Why Leaders Need Leaders
Dear friends,
I often remind myself that a certain degree of discomfort is a good thing. When I consider what it means to be a virtuoso performer, it always speaks to a pursuit rather than a point of arrival. And what drives this pursuit is a mild, persistent sense of dissatisfaction and the belief that you can and must be better than you are today, even though there is no evidence that the level of performance you aim for has ever been achieved by anyone before you.
I describe grit as getting comfortable being uncomfortable. It is the product of being fully conscientious, meaning that your actions are compelled by an indelible sense of what is necessary and right. This drive creates new possibilities, turning what was never believed to be possible into the realities of our lives.
Looking back over the past 20 years, I've observed that entrepreneurial CEOs thrive in environments that support that drive. While they may build their organizations to realize this, the very real isolation that leadership creates makes having a place where they feel they belong, that challenges their thinking and beliefs, provides the spark that causes them to accomplish much more than they would on their own.
This week's essay shares how beliefs, behaviors, and belonging are essential to building and sustaining high-performance organizations.
Here's to wishing you a great week!
prl
Why Leaders Need Leaders
I recently read Lauren Jackson's essay “Believing and Belonging” in the New York Times. In it, she explains how people all over the world and in all walks of life crave meaningful connections, and more importantly, how they are proven to flourish when supported by such connections.
While this need is often met through religious affiliation in churches, temples, synagogues, and mosques, the opportunity to feel that you belong to something meaningful extends into nonreligious organizations and affiliations. Sports and politics foster a sense of community, as do clubs and volunteer organizations. Your workplace, school, and neighborhood all provide meaningful and often significant connections.
When I began leading CEO peer groups twenty years ago, I recognized that the cohorts served two primary needs. It was easy to demonstrate the benefits of enhancing their skills, broadening their knowledge, solving problems, and growing their companies. This is all very practical and offers a clear ROI.
But over the years, it became clear that the greater need was for a place to belong, to feel less alone, and to be genuinely understood. It’s not only lonely at the top; it’s often uncomfortable at home, on the golf course, and anywhere the people around you don’t comprehend the true sense of isolation. CEOs come to our cohorts for a sense of belonging among others who truly understand them.
One of my earliest clients was a dynamic woman who led one of the largest nonprofit organizations in the state.
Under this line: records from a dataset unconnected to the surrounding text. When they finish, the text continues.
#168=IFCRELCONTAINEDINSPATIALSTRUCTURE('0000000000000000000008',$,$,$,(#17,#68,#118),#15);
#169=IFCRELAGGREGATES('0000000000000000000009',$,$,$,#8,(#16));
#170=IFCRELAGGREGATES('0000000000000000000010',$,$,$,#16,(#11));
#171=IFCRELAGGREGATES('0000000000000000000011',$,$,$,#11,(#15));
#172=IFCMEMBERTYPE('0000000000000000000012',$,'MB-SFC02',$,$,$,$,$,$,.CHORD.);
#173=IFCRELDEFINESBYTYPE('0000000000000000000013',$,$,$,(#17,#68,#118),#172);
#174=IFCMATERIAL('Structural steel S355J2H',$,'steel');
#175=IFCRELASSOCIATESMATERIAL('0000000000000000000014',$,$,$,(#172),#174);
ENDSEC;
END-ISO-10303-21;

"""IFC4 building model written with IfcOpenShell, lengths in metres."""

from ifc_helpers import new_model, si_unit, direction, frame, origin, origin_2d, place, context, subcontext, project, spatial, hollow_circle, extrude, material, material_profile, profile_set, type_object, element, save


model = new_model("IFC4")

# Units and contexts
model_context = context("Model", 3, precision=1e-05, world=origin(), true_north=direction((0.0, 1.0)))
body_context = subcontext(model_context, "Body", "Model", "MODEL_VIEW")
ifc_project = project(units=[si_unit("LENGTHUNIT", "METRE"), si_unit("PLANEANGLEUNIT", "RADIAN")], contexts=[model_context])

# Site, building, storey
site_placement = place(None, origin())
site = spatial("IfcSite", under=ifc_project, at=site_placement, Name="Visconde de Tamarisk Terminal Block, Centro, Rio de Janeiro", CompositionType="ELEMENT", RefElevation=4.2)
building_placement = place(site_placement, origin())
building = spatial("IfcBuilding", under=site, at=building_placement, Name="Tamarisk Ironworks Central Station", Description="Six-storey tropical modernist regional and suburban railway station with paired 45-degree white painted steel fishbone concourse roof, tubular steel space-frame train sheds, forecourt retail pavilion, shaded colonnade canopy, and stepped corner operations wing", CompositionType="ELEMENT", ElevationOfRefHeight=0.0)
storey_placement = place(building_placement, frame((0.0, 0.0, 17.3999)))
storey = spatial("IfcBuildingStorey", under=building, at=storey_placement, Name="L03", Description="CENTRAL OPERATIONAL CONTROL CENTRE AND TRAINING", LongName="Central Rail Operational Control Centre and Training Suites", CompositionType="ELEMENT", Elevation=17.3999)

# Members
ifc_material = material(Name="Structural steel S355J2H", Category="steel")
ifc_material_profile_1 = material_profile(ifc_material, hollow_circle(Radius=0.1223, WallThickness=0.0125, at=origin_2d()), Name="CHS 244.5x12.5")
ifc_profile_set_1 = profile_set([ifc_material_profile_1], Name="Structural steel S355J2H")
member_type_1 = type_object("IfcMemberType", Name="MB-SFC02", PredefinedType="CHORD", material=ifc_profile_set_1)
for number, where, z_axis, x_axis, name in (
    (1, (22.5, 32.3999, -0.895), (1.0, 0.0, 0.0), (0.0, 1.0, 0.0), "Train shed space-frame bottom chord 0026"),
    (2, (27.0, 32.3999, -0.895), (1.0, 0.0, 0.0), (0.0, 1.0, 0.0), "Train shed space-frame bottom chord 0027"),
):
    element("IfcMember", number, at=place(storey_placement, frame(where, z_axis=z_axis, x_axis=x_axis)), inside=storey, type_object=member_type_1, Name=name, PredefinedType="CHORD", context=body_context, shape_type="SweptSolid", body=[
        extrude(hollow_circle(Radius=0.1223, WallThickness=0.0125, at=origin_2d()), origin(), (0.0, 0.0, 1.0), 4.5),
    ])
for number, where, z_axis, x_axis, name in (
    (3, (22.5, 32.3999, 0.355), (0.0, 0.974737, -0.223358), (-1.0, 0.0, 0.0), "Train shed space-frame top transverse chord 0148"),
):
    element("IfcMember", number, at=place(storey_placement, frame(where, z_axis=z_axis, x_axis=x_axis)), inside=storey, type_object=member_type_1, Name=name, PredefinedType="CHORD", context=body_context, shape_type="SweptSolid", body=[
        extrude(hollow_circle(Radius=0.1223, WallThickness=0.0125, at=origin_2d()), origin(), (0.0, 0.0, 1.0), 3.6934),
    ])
She was deeply admired in the community, but also at odds with those who disagreed with her decisions and strategies. On the same day she attended the inaugural meeting of our Cohort, she had just been diagnosed with breast cancer. She stoically shared her determination to serve as a role model for her employees, the community, and, most importantly, her daughter. Moreover, she humanly demonstrated her vulnerability by sharing this commitment with a group of strangers.
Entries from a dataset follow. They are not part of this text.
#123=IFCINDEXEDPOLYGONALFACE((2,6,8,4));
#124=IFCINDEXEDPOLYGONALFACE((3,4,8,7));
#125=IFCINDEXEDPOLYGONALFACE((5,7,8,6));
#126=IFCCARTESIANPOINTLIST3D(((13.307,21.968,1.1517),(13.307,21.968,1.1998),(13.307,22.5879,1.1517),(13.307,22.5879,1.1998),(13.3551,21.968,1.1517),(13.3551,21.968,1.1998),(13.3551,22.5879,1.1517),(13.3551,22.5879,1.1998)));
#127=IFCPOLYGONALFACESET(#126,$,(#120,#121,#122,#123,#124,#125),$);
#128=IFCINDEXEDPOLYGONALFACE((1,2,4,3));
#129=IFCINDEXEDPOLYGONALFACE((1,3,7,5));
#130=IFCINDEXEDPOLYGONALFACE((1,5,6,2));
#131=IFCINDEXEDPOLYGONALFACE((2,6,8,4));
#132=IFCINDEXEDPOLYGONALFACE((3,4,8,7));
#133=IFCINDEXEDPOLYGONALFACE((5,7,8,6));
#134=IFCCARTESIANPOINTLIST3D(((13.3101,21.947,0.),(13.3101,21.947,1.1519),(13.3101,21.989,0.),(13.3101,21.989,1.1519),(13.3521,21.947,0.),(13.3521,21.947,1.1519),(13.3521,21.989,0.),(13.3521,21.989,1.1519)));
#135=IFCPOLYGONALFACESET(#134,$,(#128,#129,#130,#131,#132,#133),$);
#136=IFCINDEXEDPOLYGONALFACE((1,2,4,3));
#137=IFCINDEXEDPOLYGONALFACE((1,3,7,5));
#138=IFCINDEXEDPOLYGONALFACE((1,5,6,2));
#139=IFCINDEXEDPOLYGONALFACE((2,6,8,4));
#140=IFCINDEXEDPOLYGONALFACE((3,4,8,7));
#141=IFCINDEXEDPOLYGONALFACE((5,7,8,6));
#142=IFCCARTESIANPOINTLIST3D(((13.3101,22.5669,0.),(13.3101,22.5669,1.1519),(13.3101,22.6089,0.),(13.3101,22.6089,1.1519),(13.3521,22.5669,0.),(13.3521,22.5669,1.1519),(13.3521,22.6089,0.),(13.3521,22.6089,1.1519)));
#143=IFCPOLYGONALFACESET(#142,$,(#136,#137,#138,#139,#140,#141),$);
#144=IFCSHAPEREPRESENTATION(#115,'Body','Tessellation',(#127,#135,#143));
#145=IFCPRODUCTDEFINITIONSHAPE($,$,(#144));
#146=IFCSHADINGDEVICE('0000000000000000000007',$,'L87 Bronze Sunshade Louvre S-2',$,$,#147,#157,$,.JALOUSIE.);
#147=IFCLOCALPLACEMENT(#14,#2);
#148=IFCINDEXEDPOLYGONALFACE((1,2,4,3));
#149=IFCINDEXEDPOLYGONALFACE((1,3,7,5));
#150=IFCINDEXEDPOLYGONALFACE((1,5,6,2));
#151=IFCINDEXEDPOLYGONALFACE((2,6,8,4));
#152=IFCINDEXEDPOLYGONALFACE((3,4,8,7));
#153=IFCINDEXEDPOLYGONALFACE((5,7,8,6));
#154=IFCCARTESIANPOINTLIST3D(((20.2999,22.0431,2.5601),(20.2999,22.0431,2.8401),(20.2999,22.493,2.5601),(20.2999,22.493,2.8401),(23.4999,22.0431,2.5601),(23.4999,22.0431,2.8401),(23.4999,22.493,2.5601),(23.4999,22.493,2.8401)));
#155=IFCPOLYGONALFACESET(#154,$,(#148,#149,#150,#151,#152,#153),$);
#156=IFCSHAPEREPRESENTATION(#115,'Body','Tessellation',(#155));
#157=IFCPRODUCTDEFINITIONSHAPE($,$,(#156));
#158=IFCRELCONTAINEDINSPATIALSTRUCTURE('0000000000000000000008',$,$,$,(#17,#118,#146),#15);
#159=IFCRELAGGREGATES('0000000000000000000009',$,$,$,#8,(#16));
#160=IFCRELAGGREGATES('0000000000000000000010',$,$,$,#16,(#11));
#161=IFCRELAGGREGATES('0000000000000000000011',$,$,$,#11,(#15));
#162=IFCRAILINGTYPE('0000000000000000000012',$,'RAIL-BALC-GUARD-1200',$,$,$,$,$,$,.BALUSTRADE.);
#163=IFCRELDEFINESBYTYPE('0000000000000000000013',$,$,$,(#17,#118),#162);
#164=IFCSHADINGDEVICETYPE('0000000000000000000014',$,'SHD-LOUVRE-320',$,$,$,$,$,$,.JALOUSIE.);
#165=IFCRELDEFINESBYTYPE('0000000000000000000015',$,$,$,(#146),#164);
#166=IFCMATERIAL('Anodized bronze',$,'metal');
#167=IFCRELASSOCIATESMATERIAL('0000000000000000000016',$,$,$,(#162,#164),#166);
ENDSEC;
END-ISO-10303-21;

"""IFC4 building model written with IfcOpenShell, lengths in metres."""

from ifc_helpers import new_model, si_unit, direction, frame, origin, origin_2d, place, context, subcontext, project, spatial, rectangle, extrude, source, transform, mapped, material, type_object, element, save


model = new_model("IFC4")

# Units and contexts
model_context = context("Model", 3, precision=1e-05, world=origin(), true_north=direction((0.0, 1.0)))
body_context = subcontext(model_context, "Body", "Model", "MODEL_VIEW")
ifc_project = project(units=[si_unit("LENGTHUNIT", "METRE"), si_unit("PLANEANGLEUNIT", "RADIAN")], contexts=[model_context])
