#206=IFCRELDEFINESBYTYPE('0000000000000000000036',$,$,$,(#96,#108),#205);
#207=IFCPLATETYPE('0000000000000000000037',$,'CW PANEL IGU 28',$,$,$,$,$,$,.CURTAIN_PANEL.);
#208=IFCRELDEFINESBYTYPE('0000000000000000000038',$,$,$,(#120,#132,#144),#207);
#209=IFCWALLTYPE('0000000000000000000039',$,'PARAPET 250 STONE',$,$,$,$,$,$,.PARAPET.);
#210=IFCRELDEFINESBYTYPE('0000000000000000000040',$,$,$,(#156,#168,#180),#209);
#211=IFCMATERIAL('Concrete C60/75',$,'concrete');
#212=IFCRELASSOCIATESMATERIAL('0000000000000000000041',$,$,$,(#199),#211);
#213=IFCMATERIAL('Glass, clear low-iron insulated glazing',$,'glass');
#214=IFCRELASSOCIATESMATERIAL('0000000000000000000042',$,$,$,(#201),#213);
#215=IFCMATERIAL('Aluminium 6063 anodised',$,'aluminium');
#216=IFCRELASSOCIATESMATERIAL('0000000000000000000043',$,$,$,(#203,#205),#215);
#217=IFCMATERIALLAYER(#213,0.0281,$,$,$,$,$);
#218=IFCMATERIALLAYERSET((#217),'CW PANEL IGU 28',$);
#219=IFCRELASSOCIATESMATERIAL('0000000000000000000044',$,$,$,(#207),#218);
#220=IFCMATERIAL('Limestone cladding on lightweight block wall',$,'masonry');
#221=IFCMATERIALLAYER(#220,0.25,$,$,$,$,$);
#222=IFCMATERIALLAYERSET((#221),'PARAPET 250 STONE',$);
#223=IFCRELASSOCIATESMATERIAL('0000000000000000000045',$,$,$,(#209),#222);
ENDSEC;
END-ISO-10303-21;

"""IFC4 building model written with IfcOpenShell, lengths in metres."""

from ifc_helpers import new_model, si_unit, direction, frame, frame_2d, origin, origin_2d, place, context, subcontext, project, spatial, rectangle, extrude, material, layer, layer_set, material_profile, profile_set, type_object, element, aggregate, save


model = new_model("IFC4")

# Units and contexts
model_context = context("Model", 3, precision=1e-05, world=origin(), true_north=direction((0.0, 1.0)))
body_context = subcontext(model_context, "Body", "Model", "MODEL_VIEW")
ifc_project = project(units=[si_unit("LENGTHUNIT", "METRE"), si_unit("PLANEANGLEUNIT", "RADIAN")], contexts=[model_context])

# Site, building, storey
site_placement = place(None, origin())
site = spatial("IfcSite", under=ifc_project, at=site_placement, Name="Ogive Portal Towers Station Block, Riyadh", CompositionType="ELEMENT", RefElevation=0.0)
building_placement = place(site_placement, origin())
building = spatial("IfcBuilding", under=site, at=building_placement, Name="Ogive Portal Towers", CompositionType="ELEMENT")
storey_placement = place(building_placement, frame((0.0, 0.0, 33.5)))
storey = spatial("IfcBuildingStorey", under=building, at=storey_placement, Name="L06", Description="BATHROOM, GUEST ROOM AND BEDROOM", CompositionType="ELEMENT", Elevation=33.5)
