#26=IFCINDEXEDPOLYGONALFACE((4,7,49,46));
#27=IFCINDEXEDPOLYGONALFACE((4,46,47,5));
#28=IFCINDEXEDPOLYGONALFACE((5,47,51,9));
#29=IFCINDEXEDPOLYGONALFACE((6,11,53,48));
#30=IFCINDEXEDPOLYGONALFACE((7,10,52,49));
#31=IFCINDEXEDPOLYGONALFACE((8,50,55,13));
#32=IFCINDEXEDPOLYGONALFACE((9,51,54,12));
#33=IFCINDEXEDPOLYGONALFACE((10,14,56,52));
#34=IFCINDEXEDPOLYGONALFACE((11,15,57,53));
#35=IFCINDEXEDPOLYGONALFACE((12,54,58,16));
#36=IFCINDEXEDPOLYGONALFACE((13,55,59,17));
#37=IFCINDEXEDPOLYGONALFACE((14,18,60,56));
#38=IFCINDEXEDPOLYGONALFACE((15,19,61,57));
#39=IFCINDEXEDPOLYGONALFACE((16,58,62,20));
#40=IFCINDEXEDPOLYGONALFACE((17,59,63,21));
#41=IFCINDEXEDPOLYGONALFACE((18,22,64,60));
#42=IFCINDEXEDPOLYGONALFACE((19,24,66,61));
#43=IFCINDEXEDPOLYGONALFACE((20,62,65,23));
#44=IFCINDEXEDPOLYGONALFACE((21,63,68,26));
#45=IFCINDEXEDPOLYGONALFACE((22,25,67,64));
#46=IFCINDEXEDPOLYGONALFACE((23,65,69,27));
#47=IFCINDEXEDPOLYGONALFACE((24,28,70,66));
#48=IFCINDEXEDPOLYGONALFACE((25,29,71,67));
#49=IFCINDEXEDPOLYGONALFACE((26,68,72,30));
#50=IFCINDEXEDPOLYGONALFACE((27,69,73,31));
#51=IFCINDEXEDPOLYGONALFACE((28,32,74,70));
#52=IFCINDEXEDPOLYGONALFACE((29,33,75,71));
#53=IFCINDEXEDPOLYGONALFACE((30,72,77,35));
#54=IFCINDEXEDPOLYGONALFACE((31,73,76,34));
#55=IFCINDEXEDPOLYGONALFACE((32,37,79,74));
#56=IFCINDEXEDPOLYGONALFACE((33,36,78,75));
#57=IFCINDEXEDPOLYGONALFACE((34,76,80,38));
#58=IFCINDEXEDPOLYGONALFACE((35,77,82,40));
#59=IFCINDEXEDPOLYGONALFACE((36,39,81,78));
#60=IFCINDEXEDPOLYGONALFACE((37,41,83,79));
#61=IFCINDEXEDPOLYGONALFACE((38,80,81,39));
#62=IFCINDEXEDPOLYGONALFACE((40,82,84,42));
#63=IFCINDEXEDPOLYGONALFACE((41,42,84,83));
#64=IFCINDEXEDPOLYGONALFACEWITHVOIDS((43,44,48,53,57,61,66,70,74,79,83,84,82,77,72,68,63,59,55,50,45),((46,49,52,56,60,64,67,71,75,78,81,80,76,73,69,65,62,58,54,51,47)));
She had a rough go of the grueling treatments she faced, along with extended stays in hospitals. She withdrew from uncomfortable social situations to avoid being pitied or worried over. She very nearly died several times.
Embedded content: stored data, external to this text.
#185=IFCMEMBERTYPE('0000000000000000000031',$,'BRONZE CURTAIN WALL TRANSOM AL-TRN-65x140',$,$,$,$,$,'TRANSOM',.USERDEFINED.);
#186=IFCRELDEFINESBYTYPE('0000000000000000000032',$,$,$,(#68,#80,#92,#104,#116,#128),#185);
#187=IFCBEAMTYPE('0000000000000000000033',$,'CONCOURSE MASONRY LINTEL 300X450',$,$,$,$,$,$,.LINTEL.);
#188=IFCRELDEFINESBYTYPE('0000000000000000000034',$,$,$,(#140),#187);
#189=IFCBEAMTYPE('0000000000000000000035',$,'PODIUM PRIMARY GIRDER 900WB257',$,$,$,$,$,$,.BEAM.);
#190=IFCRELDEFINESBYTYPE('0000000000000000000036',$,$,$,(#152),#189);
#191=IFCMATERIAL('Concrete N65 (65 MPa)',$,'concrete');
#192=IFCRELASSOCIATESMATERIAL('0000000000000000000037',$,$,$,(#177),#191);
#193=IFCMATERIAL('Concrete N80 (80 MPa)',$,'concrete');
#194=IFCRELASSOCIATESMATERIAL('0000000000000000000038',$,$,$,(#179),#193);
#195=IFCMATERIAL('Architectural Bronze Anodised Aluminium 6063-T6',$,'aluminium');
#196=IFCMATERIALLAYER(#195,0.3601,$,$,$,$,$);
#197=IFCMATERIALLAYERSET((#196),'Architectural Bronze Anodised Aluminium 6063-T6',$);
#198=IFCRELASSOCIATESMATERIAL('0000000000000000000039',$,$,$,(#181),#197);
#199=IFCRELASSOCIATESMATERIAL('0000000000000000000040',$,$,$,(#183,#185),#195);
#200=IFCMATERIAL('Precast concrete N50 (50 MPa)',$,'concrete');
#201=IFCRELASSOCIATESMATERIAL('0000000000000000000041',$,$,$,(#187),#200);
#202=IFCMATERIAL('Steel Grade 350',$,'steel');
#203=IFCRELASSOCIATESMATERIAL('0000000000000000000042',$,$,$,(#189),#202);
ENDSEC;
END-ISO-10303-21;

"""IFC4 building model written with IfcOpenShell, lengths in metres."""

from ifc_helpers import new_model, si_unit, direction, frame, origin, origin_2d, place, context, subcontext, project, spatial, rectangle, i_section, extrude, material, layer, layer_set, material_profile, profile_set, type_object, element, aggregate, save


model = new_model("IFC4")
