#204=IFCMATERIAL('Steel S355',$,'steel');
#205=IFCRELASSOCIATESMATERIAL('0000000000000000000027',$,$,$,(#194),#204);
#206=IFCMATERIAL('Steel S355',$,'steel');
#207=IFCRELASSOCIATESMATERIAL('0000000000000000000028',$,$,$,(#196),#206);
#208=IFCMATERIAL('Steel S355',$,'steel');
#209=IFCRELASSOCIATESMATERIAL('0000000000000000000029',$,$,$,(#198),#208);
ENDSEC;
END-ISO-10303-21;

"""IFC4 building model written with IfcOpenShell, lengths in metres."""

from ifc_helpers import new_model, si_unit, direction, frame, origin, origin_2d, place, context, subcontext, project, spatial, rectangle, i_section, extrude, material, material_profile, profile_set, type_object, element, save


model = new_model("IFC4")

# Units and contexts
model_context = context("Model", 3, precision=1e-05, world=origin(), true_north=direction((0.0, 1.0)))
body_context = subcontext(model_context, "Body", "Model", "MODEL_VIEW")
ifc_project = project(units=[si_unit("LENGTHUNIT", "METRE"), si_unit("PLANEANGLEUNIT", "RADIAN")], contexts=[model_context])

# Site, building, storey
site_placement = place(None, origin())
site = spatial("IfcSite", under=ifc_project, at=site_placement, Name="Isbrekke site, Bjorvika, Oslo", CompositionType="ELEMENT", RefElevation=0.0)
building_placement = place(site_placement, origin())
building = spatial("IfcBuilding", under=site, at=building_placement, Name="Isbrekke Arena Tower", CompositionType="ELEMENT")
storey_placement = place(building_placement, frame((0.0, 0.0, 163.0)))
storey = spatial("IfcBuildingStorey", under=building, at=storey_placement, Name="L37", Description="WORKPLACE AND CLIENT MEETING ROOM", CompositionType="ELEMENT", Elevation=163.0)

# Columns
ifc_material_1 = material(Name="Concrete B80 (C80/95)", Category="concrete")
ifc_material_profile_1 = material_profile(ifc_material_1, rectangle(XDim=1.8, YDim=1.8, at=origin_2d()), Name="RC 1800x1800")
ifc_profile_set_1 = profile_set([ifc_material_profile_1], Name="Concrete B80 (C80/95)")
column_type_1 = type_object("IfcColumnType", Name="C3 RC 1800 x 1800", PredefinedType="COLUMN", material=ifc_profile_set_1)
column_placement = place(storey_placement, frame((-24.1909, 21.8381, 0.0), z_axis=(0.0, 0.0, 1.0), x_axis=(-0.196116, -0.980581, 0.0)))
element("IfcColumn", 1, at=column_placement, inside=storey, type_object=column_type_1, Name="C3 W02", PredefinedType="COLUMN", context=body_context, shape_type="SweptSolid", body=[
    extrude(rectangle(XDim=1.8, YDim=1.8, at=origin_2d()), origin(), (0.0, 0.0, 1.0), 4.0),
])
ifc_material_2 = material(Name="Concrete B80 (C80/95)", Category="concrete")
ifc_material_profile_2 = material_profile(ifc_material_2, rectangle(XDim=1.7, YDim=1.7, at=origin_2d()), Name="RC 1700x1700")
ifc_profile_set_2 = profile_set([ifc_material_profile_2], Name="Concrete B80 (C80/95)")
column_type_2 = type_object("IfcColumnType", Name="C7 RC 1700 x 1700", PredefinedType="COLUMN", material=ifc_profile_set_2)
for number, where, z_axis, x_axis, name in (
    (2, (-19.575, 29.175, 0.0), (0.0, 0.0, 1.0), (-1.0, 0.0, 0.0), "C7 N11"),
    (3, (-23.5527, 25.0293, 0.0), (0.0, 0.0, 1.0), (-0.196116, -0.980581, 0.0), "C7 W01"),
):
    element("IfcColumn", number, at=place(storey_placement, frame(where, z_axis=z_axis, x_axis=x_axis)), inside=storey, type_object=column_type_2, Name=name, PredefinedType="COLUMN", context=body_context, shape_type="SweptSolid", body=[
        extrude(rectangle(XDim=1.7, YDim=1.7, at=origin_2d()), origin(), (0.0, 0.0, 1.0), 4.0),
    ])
At one point, she hadn’t attended a meeting or spoken to me for several months. I wondered if she should withdraw from the Cohort. I worried about her well-being, but she continued to worry more about everyone else. When I offered to place her on sabbatical, she declined, telling me that we were here “CEO Soulmates.”
Lauren Jackson’s essay reminded me that CEOs need a space where they feel they belong—where they feel safe, understood, supported, and can thrive. I’ve learned that while the more measurable benefits are important, the real value lies in what Jackson calls the three B’s: a shared sense of belief about what matters, behaviors that make us joyful and more effective, and belonging to a group of people you trust and can depend on, who need you as much as you need them.